In den 90er Jahren boomte der Frauenfußball in der östlichen Altmark. Eine Mannschaft war damals der SV Germania Tangerhütte.

Von Stefan Rühling 06.07.2020, 23:01

Tangerhütte l Es war ein regelrechter Boom, als Anfang der 1990er Jahre Frauenfußball-Mannschaften wie Pilze aus dem altmärkischen Boden schossen. Nach Aktivist Stendal und dem späteren Schinner SV „Eintracht“ war im Jahr 1990 schon eine Mannschaft bei Germania Tangerhütte geboren.

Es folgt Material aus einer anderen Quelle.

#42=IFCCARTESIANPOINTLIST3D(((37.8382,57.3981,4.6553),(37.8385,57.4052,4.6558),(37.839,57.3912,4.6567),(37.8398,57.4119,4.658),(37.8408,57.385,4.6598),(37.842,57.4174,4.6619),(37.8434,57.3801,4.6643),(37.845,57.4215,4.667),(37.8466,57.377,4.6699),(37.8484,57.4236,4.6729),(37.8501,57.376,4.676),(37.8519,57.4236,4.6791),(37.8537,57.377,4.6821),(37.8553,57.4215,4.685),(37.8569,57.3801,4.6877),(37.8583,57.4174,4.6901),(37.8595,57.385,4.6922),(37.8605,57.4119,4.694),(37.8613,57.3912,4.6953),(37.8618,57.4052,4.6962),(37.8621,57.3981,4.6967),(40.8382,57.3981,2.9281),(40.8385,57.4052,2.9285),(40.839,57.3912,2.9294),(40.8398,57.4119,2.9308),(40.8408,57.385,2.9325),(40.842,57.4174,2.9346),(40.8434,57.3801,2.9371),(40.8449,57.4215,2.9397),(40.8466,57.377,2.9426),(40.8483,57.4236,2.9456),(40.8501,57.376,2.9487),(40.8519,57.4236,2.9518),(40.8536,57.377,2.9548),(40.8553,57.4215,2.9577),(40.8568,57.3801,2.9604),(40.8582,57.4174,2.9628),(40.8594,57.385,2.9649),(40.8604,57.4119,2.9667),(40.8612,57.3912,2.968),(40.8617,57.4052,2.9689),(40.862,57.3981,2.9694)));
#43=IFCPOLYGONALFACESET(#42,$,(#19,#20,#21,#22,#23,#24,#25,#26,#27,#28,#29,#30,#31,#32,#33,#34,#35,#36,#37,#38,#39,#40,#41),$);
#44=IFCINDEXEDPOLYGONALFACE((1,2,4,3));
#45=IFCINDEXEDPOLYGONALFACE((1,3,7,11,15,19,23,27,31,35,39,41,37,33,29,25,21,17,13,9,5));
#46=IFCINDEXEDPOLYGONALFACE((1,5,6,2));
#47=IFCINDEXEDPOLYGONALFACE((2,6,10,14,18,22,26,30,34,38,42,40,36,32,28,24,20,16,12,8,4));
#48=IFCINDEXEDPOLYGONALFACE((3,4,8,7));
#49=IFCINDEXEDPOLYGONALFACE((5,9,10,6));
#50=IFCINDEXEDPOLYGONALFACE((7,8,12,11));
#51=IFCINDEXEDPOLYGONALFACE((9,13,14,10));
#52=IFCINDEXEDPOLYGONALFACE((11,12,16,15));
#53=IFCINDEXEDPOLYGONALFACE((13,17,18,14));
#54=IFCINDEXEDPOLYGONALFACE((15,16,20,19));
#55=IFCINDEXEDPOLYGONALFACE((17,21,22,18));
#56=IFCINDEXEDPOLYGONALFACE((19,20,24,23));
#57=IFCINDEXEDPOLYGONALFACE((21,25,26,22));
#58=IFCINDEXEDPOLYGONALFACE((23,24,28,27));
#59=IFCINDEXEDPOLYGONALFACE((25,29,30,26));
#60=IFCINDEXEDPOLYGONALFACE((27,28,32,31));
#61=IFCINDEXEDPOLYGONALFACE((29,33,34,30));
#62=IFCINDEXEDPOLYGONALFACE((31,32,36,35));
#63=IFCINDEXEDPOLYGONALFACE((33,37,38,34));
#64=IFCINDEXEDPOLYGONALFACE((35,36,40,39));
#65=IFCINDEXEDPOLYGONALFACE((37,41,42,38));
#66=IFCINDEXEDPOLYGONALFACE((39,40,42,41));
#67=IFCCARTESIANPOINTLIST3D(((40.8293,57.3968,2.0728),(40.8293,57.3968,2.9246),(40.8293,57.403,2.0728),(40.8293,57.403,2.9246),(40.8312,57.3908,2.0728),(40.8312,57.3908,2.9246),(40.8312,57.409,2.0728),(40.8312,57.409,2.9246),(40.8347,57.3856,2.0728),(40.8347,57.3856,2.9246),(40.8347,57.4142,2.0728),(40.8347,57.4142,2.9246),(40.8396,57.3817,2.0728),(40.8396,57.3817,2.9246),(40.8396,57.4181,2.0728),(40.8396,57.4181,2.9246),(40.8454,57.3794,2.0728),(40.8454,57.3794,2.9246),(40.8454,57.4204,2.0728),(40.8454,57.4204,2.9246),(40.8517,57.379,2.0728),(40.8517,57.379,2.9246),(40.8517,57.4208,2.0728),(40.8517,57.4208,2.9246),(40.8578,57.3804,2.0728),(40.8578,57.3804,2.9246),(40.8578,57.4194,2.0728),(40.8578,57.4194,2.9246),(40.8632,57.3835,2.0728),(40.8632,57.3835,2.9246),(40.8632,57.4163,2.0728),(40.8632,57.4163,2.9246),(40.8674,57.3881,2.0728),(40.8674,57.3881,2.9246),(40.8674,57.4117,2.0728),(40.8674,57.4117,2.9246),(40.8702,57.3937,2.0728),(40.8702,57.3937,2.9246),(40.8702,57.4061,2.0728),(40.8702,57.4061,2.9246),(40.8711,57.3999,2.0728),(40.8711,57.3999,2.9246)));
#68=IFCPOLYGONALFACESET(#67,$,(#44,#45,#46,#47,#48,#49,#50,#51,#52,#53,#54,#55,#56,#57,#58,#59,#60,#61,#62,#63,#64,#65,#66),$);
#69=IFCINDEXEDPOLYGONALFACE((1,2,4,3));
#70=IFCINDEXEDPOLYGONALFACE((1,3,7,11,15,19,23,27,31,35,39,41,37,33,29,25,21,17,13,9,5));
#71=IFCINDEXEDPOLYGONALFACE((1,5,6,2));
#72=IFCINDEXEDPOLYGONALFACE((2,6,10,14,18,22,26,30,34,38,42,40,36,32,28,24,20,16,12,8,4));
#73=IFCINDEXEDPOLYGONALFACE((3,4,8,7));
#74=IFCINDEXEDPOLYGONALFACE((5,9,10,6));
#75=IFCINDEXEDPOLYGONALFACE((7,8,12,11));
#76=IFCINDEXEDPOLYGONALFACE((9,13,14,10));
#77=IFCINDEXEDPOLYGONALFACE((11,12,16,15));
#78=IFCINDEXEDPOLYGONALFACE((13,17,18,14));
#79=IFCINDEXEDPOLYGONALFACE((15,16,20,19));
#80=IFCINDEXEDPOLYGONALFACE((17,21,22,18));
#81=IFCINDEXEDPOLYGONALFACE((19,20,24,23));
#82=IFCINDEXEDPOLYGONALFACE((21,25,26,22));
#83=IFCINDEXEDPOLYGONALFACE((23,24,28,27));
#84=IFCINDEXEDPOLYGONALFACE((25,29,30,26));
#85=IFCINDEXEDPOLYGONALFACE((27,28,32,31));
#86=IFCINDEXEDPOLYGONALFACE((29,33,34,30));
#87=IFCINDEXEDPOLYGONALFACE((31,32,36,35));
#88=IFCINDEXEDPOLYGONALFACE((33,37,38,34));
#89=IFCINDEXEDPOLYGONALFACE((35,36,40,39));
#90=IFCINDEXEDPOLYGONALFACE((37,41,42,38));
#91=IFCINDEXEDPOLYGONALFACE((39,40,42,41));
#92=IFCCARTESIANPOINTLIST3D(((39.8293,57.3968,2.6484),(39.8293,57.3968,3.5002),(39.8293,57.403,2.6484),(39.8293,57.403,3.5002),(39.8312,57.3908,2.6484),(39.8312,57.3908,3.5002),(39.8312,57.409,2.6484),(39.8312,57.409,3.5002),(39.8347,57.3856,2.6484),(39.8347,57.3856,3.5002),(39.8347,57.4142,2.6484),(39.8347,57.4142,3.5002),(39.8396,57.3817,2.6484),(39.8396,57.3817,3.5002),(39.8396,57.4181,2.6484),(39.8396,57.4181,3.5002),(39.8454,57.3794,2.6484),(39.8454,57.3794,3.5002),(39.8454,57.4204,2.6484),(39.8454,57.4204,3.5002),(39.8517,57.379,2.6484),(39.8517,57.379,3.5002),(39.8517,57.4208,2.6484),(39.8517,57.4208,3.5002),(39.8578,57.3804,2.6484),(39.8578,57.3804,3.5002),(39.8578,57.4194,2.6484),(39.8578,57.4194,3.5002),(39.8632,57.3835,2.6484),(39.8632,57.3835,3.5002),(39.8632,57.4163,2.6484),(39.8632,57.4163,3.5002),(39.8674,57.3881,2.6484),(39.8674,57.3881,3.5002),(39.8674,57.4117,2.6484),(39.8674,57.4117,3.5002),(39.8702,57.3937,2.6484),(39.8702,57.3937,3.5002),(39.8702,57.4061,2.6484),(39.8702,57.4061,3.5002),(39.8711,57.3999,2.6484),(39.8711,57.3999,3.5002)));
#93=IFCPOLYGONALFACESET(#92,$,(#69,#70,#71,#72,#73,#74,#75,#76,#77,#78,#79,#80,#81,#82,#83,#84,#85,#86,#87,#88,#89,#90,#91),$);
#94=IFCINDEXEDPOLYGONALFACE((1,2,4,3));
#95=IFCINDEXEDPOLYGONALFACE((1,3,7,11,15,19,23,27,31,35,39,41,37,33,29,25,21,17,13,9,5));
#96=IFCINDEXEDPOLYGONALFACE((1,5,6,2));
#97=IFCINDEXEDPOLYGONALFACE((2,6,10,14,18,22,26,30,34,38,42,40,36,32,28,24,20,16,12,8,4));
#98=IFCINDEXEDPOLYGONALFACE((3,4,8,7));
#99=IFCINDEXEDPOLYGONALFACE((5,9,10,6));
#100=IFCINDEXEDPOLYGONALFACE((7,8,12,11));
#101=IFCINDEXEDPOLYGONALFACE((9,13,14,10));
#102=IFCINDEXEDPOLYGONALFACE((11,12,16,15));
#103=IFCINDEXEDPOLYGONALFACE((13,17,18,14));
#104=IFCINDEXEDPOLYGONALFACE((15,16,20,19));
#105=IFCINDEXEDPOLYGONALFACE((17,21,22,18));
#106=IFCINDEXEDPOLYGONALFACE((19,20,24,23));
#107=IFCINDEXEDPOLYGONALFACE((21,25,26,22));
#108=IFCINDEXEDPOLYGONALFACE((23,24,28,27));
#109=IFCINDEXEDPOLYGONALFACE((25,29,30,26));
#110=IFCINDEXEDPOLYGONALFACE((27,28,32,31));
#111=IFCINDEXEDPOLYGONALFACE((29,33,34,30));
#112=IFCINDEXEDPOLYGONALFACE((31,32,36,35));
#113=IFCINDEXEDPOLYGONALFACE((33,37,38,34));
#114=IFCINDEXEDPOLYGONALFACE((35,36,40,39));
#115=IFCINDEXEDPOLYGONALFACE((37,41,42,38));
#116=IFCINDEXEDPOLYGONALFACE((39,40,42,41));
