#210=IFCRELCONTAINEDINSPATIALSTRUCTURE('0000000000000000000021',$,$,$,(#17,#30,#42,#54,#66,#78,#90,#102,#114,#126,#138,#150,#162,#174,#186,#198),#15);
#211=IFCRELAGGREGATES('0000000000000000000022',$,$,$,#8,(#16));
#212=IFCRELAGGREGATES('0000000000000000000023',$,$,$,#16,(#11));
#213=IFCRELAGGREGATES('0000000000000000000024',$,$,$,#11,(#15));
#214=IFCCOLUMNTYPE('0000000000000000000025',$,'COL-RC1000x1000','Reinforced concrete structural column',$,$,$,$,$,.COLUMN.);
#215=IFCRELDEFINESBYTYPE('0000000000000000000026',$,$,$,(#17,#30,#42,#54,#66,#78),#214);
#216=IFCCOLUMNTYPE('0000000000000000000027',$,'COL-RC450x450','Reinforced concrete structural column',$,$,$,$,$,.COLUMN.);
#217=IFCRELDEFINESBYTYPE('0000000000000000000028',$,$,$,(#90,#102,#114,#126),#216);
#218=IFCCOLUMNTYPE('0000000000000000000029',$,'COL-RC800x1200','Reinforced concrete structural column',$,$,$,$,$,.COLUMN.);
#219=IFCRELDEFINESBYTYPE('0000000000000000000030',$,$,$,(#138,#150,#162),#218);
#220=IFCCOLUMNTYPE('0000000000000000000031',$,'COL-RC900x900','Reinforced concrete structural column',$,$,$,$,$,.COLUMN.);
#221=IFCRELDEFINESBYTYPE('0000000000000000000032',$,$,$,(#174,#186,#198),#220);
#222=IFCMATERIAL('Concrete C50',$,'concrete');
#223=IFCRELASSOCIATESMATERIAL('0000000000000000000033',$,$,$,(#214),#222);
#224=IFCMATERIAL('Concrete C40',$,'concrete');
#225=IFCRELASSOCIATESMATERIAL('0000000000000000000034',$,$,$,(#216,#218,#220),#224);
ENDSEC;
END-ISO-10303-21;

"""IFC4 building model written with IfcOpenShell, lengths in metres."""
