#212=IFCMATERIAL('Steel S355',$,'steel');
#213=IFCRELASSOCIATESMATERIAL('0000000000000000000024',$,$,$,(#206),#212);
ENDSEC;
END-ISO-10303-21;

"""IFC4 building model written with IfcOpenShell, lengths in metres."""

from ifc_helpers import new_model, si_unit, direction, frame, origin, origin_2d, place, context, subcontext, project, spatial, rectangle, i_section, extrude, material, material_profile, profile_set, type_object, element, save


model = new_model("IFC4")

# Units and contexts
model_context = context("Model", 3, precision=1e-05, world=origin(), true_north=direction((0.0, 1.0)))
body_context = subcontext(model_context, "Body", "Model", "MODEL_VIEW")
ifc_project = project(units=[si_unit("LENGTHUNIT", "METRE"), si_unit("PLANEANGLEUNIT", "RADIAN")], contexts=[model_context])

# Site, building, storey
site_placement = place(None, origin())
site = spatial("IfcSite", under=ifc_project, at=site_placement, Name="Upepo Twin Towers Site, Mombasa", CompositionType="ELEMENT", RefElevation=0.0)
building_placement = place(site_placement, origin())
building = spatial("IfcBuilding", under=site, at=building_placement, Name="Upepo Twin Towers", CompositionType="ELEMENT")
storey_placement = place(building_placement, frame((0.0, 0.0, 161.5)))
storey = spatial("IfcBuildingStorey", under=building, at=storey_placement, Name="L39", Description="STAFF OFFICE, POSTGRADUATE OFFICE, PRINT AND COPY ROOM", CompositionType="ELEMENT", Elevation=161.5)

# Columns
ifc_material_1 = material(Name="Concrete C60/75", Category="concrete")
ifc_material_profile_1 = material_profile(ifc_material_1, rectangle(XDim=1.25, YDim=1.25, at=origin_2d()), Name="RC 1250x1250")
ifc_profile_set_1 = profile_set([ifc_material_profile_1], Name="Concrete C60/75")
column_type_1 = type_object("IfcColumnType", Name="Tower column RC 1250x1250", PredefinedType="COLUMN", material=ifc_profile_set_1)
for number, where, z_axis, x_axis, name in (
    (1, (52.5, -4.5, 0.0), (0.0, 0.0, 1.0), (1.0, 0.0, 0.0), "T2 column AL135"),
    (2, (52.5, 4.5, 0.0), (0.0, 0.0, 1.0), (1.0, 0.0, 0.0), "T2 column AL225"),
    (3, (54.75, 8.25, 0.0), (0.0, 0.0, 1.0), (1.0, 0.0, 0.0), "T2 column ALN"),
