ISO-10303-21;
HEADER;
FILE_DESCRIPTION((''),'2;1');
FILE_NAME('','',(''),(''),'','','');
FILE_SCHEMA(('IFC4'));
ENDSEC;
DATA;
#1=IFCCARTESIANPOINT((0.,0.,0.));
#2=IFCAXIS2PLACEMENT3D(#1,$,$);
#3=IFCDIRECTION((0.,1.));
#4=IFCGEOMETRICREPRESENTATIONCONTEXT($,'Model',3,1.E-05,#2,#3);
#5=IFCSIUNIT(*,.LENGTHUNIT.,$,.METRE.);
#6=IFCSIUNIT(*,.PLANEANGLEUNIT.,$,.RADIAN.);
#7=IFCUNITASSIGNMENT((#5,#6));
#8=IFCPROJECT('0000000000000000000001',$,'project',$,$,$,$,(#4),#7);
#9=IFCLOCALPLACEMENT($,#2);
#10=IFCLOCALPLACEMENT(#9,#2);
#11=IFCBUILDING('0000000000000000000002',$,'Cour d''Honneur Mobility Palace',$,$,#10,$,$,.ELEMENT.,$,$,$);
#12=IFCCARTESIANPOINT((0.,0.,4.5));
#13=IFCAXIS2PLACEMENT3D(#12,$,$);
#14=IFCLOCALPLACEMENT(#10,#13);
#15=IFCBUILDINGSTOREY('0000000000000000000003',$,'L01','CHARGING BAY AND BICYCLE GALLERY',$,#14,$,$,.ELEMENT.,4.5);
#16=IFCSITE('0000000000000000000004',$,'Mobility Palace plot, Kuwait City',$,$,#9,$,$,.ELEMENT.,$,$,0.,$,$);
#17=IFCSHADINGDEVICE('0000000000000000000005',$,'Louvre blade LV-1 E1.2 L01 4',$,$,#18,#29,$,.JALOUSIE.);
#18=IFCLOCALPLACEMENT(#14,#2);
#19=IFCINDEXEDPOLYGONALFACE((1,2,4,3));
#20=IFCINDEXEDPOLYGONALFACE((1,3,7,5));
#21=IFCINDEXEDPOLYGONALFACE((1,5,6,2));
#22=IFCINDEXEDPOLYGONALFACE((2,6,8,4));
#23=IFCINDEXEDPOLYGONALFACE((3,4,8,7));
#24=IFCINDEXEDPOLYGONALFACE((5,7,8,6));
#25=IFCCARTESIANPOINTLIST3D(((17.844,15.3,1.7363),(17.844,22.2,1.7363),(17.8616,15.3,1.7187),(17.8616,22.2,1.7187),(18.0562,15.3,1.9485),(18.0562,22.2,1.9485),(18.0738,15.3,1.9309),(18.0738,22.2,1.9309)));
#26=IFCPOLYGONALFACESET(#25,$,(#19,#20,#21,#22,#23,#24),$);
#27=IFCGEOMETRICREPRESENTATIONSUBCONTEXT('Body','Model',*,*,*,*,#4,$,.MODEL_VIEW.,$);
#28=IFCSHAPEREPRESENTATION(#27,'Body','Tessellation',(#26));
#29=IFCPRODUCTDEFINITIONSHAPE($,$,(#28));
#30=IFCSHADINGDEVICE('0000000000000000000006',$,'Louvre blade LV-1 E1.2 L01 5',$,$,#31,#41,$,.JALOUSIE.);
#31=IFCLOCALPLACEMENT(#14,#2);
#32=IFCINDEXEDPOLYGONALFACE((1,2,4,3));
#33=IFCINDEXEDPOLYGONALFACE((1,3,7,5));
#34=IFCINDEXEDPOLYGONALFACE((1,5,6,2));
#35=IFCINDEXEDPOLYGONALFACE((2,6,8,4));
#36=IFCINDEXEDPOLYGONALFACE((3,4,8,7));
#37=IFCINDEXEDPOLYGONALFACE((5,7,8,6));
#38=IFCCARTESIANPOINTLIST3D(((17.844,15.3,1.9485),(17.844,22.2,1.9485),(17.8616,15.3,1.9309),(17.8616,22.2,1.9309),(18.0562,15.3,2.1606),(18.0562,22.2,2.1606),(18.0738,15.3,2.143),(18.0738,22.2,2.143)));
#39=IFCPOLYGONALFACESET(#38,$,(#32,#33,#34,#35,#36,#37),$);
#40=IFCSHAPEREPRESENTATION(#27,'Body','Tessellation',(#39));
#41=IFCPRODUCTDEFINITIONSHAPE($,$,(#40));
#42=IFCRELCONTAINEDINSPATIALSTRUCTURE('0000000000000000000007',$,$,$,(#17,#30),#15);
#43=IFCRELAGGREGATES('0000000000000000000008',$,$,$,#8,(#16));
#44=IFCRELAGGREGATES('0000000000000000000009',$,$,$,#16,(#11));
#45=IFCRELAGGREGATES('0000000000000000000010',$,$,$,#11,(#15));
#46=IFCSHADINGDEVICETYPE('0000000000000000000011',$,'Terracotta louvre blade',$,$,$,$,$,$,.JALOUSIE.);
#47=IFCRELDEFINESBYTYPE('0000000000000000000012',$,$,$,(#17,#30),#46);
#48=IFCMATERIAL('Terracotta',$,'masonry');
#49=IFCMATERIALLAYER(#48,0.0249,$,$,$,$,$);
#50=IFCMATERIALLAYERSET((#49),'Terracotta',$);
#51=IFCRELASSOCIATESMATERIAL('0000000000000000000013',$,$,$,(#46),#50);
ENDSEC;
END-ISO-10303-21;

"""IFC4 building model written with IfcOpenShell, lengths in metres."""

from ifc_helpers import new_model, si_unit, direction, frame, origin, place, context, subcontext, project, spatial, polyline, outline, extrude, material, layer, layer_set, type_object, element, save


model = new_model("IFC4")

# Units and contexts
model_context = context("Model", 3, precision=1e-05, world=origin(), true_north=direction((0.0, 1.0)))
body_context = subcontext(model_context, "Body", "Model", "MODEL_VIEW")
ifc_project = project(units=[si_unit("LENGTHUNIT", "METRE"), si_unit("PLANEANGLEUNIT", "RADIAN")], contexts=[model_context])

# Site, building, storey
site_placement = place(None, origin())
site = spatial("IfcSite", under=ifc_project, at=site_placement, Name="Mobility Palace plot, Kuwait City", CompositionType="ELEMENT", RefElevation=0.0)
building_placement = place(site_placement, origin())
building = spatial("IfcBuilding", under=site, at=building_placement, Name="Cour d'Honneur Mobility Palace", CompositionType="ELEMENT")
storey_placement = place(building_placement, frame((0.0, 0.0, 4.5)))
storey = spatial("IfcBuildingStorey", under=building, at=storey_placement, Name="L01", Description="CHARGING BAY AND BICYCLE GALLERY", CompositionType="ELEMENT", Elevation=4.5)

# Shading devices
ifc_material_1 = material(Name="Terracotta", Category="masonry")
ifc_layer_1 = layer(ifc_material_1, 0.0249)
ifc_layer_set_1 = layer_set([ifc_layer_1], Name="Terracotta")
shading_device_type = type_object("IfcShadingDeviceType", Name="Terracotta louvre blade", PredefinedType="JALOUSIE", material=ifc_layer_set_1)
for number, where, z_axis, x_axis, name in (
    (1, (17.844, 15.3, 1.7363), (-0.707107, 0.0, 0.707107), (0.0, 1.0, 0.0), "Louvre blade LV-1 E1.2 L01 4"),
    (2, (17.844, 15.3, 1.9485), (-0.707107, 0.0, 0.707107), (0.0, 1.0, 0.0), "Louvre blade LV-1 E1.2 L01 5"),
):
    element("IfcShadingDevice", number, at=place(storey_placement, frame(where, z_axis=z_axis, x_axis=x_axis)), inside=storey, type_object=shading_device_type, Name=name, PredefinedType="JALOUSIE", context=body_context, shape_type="SweptSolid", body=[
        extrude(outline(polyline([(0.0, 0.0), (6.8999, 0.0), (6.8999, -0.3), (0.0, -0.3), (0.0, 0.0)])), origin(), (0.0, 0.0, -1.0), 0.0249),
    ])

save(model, "model.ifc")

Nachdem der Frauenfußball in Schinne aus einem Gag heraus geboren wurde, könnte man denken, dass dies Strahlkraft hatte und so nach und nach Mädchen und Frauen Interesse am Spiel mit dem runden Leder gefunden haben. Tatsächlich aber muss es reiner Zufall gewesen sein, dass innerhalb von nur wenigen Jahren an verschiedenen Orten Frauenfußball-Mannschaften entstanden sind.

In Tangerhütte ist der Ursprung auf eine Partnerschaft mit der niedersächsischen Kleinstadt Extertal bzw. der Ortschaft Bösingfeld zurückzuführen. Denn nach der Wende, als solche Partnerschaften modern wurden, folgte gleich ein Antrittsbesuch der Fußballer aus dem Weserbergland im altmärkischen Tangerhütte. Bernd Kleineidam kann sich noch gut daran erinnern. „Als wir abends gemütlich auf dem Sportplatz zusammensaßen und klärten, welcher Gast bei welchem Gastgeber übernachtet, kam die Frage auf, ob wir auch eine Frauenmannschaft hätten“, so der heute 69-Jährige.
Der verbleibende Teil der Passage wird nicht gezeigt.